OPERATING AND FINANCIAL HIGHLIGHTS

  • Net Revenue of R$179.2 million in 3Q10, up 22.7% on 3Q09, and R$480.2 million in the first nine months of 2010 (9M10), up 25.5% on 9M09.
  • Gross Income in 3Q10 of R$93.4 million, up 52.1% in relation to 3Q09, for Gross Margin of 52.1%. In In 9M10, gross income amounted to R$224.1 million, 41.4% higher than in the same period last year, for gross margin of 46.7%, up 5.2 p.p. from 9M09.
  • EBITDA in 3Q10 increased by 49.6% from 3Q09 to R$76.4 million, with EBITDA Margin of 42.6%.It totaled R$176.5 million in 9M10, 40.3% higher than in 9M09, for EBITDA margin of 36.8%, expanding 3.9 p.p. from 9M09.
  • Net Income surpassed the record set in 2Q10 to reach R$78.2 million, growing 54.5% from 3Q09 and representing Net Margin of 43.6%. In 9M10, net income was R$181.0 million, for earnings per share of R$1.263, net margin of 37.7% and Annualized ROE of 26.8%.

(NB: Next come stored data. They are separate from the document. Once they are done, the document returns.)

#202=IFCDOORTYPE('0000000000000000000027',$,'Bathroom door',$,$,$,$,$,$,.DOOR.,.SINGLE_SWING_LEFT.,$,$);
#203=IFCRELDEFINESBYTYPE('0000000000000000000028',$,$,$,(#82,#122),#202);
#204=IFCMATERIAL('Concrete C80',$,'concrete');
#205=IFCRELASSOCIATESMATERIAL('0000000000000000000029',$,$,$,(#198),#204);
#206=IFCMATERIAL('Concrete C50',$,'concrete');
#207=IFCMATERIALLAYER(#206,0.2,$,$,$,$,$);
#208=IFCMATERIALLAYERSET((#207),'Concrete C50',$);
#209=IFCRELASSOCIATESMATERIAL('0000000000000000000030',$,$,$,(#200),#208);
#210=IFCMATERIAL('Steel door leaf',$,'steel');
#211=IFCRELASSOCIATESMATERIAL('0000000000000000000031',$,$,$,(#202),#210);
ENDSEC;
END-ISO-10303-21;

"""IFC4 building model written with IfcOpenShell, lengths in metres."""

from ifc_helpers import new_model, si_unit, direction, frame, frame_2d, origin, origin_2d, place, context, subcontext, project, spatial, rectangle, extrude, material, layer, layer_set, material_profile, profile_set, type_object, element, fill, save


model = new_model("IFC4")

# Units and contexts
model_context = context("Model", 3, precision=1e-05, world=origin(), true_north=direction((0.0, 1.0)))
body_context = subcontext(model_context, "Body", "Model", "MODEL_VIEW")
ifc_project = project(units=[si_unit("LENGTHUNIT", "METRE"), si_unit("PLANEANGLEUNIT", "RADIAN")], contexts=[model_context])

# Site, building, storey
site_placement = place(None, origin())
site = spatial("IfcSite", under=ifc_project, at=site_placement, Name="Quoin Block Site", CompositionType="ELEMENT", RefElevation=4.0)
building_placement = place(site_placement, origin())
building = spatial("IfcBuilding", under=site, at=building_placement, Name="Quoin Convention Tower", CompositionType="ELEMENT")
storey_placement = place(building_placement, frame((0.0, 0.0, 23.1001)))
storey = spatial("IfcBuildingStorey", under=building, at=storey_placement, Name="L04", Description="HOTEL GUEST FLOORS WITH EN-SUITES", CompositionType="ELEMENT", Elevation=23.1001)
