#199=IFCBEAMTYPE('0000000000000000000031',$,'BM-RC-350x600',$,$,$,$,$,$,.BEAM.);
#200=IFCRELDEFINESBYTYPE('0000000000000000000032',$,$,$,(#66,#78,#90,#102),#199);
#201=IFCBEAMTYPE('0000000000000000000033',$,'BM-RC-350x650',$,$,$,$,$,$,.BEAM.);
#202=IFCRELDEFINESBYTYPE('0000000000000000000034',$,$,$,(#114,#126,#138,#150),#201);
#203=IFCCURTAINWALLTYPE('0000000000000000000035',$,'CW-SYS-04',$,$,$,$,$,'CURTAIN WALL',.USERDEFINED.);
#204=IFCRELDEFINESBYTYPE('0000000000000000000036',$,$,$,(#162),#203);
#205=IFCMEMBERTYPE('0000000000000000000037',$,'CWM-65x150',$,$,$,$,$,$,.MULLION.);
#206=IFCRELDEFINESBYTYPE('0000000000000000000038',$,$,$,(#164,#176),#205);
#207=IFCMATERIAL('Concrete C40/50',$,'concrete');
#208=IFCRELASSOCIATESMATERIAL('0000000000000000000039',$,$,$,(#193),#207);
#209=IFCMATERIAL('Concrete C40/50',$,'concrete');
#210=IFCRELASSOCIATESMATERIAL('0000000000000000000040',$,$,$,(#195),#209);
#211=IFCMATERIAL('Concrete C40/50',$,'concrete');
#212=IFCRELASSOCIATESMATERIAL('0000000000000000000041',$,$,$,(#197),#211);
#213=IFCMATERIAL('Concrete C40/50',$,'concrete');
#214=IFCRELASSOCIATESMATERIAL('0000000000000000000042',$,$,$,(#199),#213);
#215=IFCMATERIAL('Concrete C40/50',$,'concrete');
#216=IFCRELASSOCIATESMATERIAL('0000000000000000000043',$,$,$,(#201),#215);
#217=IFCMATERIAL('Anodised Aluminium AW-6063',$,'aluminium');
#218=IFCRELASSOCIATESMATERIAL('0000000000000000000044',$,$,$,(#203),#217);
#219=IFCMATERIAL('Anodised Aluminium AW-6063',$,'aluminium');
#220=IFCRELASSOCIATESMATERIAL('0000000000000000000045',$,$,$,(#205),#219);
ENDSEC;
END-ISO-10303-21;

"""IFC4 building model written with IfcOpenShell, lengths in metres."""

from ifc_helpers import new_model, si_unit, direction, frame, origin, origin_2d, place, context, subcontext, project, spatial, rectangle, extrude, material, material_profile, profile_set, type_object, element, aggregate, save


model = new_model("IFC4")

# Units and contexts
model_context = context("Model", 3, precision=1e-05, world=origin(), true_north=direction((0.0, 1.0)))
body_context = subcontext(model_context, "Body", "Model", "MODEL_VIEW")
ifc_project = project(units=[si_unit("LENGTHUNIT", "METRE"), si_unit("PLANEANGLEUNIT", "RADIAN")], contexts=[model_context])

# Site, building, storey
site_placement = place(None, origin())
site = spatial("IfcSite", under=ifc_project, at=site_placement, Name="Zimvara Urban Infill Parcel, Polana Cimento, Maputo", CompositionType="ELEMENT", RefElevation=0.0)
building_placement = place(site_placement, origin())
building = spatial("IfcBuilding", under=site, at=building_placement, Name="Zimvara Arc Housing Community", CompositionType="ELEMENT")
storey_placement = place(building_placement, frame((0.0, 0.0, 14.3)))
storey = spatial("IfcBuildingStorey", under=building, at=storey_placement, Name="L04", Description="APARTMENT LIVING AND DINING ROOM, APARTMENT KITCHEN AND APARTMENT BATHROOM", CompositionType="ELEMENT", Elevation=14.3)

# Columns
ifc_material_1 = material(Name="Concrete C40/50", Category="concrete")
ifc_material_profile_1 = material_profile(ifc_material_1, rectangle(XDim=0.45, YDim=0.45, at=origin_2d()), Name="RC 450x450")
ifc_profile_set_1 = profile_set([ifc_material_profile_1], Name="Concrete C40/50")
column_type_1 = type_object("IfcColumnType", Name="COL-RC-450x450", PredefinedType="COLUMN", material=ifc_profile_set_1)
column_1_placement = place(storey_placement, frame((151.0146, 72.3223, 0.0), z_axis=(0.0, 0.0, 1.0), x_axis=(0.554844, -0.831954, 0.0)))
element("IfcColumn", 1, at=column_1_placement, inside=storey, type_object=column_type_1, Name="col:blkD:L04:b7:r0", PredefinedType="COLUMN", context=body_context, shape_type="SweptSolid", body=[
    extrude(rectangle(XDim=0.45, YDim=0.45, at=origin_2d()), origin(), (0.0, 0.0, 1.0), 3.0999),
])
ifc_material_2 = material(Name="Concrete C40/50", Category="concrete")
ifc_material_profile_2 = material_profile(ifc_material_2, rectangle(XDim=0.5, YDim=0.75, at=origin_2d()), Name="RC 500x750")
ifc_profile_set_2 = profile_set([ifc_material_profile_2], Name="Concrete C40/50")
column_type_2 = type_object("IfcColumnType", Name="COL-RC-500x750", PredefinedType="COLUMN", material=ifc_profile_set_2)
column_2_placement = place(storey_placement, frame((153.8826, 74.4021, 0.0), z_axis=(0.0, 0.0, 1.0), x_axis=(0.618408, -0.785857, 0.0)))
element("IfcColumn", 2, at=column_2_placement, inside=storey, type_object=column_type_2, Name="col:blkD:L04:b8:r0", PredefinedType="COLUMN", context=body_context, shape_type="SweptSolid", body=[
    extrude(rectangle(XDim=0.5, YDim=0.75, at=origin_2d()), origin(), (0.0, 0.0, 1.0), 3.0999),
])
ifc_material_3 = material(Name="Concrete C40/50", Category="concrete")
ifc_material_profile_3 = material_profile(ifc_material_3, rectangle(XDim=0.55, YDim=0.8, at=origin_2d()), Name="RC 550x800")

  • EZTEC maintained its financial solidity in 3Q10, ending the quarter with Cash and Equivalents of R$134.3 million. Excluding debt (all SFH financing), the company’s Net Cash stood at R$78.6 million plus Performing Receivables from real-estate projects of R$279.0 million. These receivables, which qualify for securitization, are adjusted by the IGP-M + 12% p.a.
  • In 3Q10, we launched the high-end residential project Sophis. Located in Moema, in the city of São Paulo, with R$97.8 million in EZTEC PSV. Launches totaled R$633.0 million in 9M10, up 53.1% from 9M09. Launch volume represents approximately 79.1% of the center of the company’s guidance and surpassed total launches in 2009 by 25.1%.
  • EZTEC’s share of Contracted Sales reached R$118.9 million in 3Q10, and was focused on units delivered or to be delivered in 2010. In 9M10, EZTEC’s share of contracted sales totaled R$545.8 million, up 17.3% on 9M09. EZTEC always discloses its sales net of brokerage fees and rescissions.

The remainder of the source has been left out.